For a deeper picture of ordinary people’s lives, and women’s in particular, Ebeling also draws on archeology and iconography of Israel and other populations in the ancient Near East, as well as ethnography from villages in 19th- and early 20th-century Palestine.
Orah’s life is a simple one, uneventful on a grand scale. The author takes us through Orah’s childhood, as she learns the crucial skills needed to contribute to a household -- grinding grains and baking bread, spinning and weaving, pottery-making -- to her first menstruation, to marriage, and the joys and real dangers of pregnancy and childbirth, to her roles as a mother, widow and grandmother, and, finally, her death at the advanced age of nearly 40. Household religious practices play a role in many of these events -- with the women’s rituals often directed to the goddess Astarte.
Even while we marvel at the stark differences between Orah’s life and that of a modern Western woman, Ebeling connects the reader to this imagined woman’s humanity, bringing the past to life in fascinating detail.
-- Teresa Malcolm, NCR staff
THE GIRL IN THE ORANGE DRESS: SEARCHING FOR A FATHER WHO DOES NOT FAIL
By Margot Starbuck
Published by IVP Books, $16
Unless you have had the most perfect life possible, your father has failed you at least once. That’s because fathers are human just like the rest of us. Because failure, like life, has many faces, the failure of a father is one of the most damaging.
This failure affects each of the failed differently. Some look for paternal life with people, drugs, food, alcohol, or even organized or disorganized religions.

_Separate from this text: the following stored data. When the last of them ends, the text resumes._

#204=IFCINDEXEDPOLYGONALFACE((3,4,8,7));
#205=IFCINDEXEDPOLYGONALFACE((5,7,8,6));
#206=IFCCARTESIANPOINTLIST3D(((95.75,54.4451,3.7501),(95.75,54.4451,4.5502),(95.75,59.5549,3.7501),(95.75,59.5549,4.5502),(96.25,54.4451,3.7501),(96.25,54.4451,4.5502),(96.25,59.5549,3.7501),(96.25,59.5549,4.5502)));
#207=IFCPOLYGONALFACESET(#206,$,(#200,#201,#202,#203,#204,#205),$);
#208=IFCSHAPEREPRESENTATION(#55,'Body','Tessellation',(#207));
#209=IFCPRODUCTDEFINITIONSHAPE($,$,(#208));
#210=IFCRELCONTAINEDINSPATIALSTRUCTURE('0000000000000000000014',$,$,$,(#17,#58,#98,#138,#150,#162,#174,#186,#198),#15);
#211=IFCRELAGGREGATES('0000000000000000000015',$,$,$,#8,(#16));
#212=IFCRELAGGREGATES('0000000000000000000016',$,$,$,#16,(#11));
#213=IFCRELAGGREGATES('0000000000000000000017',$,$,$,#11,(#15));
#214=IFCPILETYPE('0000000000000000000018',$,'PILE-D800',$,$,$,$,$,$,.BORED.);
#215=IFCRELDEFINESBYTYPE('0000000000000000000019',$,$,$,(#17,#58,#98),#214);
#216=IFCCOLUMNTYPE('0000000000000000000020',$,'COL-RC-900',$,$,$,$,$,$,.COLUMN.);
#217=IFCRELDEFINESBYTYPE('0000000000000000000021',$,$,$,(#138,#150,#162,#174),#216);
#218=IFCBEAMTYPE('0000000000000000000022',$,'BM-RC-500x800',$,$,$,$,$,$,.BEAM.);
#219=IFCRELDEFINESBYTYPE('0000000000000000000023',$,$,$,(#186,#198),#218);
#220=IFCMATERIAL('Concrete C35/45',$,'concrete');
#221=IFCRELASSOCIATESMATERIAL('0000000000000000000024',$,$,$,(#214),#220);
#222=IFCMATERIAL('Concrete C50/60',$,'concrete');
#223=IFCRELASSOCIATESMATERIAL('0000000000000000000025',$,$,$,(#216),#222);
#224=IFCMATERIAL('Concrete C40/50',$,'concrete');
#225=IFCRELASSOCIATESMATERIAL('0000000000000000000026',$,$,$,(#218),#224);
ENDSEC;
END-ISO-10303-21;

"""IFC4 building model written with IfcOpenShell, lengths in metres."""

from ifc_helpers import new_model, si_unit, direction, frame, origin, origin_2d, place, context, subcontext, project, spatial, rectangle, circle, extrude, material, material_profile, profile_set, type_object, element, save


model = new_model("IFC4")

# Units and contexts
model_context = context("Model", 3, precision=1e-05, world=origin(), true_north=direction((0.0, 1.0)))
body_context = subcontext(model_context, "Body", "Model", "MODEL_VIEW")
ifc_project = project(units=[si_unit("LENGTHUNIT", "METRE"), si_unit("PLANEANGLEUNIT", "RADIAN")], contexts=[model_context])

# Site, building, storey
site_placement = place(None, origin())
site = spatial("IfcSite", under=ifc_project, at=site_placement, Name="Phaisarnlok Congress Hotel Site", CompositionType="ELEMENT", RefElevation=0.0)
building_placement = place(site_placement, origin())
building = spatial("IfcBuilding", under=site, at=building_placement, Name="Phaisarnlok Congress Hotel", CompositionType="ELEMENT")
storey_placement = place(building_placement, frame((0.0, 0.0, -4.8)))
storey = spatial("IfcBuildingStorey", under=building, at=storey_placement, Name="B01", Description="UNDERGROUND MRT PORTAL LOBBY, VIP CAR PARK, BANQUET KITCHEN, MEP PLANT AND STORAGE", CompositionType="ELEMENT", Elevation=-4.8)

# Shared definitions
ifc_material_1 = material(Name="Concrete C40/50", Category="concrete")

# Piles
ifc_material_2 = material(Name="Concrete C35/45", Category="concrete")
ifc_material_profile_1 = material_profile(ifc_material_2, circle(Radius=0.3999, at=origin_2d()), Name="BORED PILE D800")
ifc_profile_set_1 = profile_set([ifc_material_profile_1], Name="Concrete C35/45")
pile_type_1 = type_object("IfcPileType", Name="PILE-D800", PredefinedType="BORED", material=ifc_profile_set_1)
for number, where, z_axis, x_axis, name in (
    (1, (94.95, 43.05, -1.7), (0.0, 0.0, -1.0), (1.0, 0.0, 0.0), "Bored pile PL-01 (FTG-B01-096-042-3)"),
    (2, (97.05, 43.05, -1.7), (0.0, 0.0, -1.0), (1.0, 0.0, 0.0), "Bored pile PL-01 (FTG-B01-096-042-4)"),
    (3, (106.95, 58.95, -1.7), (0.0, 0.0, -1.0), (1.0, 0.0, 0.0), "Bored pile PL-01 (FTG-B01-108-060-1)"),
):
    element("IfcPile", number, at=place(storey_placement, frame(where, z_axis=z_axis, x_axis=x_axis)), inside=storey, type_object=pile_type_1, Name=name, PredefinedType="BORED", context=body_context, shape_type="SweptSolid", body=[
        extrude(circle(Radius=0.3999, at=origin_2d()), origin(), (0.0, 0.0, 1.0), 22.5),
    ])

Margot Starbuck, as she recounts in The Girl in the Orange Dress, has had problems with fathers more than many. Her adoptive father takes a job on the other side of the country. When she finds her birth father, he wants nothing to do with her.

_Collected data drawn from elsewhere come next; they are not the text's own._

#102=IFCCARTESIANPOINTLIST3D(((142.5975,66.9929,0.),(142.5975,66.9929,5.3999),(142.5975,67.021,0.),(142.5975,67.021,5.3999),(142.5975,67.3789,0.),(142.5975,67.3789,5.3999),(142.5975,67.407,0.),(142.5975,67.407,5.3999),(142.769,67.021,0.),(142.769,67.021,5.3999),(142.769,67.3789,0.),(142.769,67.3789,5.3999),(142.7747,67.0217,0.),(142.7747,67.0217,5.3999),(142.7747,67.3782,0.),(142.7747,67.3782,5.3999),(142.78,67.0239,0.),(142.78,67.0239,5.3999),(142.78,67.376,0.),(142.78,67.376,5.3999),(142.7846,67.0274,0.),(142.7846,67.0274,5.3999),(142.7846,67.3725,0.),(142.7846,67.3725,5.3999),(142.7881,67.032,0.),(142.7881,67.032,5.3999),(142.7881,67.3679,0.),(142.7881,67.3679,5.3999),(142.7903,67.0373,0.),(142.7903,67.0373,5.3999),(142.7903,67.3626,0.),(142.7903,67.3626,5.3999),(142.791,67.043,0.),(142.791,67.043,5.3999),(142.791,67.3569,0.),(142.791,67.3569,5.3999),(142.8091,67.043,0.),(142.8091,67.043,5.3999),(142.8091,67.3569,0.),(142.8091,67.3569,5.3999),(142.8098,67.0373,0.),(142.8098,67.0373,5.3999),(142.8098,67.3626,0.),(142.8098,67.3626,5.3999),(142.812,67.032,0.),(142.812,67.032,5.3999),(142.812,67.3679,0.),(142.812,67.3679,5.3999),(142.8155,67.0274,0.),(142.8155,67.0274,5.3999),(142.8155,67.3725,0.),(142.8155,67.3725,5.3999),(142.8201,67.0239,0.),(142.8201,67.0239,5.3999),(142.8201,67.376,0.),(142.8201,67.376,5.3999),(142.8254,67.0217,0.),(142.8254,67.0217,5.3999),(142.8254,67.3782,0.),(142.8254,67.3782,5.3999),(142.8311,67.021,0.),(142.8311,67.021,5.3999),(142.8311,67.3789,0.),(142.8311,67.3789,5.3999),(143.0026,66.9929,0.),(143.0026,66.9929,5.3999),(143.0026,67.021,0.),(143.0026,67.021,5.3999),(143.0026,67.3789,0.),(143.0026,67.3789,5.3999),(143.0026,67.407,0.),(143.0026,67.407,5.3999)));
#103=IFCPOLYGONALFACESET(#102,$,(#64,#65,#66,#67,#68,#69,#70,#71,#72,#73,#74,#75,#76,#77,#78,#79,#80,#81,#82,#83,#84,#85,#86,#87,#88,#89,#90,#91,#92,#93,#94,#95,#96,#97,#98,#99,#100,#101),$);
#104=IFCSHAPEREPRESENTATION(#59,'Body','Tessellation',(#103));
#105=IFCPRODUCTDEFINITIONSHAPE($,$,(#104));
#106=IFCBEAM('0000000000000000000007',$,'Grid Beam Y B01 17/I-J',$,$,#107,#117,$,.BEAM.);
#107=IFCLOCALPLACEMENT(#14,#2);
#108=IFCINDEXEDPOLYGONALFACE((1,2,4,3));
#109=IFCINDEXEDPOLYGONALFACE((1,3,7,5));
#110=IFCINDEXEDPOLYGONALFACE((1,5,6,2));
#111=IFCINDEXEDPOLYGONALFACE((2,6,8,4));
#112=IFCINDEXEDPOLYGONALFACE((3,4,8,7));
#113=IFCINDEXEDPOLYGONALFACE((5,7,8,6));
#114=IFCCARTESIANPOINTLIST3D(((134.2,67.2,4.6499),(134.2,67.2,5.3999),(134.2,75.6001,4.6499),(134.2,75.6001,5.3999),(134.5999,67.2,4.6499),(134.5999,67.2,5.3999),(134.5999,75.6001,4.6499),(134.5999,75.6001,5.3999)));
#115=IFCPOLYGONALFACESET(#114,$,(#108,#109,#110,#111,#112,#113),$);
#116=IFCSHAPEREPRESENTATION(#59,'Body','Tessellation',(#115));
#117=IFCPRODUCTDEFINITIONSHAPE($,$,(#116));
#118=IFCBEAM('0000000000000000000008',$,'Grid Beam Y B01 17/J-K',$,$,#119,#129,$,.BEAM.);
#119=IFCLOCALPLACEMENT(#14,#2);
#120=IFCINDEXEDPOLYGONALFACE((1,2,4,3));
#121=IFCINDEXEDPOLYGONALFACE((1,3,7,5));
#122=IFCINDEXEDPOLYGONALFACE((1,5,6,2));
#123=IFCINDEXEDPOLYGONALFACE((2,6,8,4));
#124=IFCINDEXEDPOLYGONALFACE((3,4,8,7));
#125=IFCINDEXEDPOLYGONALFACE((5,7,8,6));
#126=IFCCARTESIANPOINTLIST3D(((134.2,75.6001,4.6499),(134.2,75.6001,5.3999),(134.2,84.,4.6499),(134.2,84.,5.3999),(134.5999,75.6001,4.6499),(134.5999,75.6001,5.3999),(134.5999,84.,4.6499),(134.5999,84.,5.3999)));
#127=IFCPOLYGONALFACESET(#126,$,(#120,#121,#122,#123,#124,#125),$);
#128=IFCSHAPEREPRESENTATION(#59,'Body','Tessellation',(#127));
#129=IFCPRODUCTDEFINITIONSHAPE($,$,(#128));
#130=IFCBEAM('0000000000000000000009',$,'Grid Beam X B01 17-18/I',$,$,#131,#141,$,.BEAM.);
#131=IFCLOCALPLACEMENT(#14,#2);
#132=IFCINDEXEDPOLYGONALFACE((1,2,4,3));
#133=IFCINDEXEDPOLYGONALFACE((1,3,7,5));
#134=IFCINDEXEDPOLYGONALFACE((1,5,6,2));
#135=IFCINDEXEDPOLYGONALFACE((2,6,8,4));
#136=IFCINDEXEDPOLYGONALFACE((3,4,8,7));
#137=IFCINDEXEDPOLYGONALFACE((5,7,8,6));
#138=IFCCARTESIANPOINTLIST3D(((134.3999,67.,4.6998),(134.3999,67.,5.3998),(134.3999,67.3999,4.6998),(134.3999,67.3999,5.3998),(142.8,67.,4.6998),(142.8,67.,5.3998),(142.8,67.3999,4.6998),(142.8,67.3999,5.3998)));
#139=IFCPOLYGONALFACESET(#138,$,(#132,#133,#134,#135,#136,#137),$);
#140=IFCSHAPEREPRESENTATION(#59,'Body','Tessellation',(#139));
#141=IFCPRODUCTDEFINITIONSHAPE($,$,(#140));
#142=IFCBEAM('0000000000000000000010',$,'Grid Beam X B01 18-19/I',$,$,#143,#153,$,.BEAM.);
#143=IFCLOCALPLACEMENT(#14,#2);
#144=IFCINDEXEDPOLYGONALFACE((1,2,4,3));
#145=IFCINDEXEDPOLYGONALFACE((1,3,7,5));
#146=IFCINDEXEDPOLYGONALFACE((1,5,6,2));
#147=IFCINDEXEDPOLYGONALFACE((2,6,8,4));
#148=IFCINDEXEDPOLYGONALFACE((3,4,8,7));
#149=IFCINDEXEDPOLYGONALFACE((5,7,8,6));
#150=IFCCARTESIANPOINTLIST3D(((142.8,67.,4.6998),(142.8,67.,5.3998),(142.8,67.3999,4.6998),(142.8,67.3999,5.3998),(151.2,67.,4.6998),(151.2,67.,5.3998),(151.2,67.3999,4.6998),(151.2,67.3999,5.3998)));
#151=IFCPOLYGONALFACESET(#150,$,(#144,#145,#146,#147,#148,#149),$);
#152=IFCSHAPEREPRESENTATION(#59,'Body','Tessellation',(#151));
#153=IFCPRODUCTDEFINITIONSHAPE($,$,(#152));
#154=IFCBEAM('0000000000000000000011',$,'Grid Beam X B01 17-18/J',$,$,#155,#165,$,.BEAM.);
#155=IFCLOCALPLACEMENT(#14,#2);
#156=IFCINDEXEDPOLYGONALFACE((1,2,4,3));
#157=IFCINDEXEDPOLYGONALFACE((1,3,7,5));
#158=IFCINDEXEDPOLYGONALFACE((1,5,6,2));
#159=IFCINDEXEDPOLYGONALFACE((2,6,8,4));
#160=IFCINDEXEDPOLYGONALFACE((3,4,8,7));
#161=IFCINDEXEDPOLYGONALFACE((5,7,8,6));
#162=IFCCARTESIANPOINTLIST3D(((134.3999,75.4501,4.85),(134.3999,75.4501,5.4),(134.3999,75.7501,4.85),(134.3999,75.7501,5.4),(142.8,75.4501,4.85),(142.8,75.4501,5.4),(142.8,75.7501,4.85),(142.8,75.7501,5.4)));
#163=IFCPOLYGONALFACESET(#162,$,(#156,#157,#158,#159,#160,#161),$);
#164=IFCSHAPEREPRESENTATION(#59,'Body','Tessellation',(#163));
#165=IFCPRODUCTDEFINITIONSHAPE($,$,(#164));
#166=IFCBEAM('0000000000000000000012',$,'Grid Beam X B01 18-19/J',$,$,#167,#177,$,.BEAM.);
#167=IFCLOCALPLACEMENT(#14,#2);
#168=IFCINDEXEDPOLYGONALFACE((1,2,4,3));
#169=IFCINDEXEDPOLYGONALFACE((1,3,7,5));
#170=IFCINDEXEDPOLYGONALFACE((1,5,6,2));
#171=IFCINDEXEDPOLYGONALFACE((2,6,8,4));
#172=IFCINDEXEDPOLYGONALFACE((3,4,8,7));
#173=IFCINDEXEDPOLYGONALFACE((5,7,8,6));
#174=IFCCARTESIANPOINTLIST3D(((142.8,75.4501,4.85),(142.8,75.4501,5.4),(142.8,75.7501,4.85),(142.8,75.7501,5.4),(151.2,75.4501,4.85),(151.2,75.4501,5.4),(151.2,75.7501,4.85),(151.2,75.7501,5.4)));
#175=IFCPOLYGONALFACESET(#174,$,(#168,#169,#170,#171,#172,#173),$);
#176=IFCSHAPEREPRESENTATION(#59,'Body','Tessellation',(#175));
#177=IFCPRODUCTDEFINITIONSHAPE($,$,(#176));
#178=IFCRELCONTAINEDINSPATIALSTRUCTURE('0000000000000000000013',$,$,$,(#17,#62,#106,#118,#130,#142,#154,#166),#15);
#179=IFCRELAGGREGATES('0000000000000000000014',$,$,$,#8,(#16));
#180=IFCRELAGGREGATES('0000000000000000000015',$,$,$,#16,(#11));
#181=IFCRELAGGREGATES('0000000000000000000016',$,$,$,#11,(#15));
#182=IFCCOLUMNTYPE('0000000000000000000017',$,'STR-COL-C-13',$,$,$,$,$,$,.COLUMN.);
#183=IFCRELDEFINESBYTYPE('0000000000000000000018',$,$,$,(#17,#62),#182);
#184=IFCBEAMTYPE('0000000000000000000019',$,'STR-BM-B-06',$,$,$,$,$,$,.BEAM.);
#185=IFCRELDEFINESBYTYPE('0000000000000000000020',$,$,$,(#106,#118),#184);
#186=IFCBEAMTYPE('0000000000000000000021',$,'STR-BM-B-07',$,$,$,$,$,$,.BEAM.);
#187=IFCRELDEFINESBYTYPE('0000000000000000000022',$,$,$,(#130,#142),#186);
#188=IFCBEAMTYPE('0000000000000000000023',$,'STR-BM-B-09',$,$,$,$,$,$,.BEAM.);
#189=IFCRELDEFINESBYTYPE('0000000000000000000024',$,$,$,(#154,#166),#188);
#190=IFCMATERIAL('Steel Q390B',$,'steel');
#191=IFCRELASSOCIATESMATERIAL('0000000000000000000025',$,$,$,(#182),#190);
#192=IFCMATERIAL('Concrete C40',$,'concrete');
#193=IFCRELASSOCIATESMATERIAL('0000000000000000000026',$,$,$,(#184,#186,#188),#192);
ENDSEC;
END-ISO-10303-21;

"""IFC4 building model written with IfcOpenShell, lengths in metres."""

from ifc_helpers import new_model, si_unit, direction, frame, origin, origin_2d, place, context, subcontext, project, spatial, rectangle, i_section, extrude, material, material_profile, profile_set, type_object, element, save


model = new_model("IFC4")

Since most of the major religions have given God a masculine aspect, you would think that looking for a father figure in religion would seem to be the easiest of all our journeys. But because most religions don’t combine some sort of feminine with the masculine, even God loses out.
Because of Starbuck’s experiences with both her fathers and with religion you might assume that she has given up, but you would be wrong. It is because of those experiences that she has become a more well-rounded woman, mother and daughter.
The Girl in the Orange Dress is not an indictment against fathers. Starbuck’s evolving relationship with God is, like our own, worthy of exploration and sharing. As with most life lessons, the learning never stops. I look forward to the next installment of her life.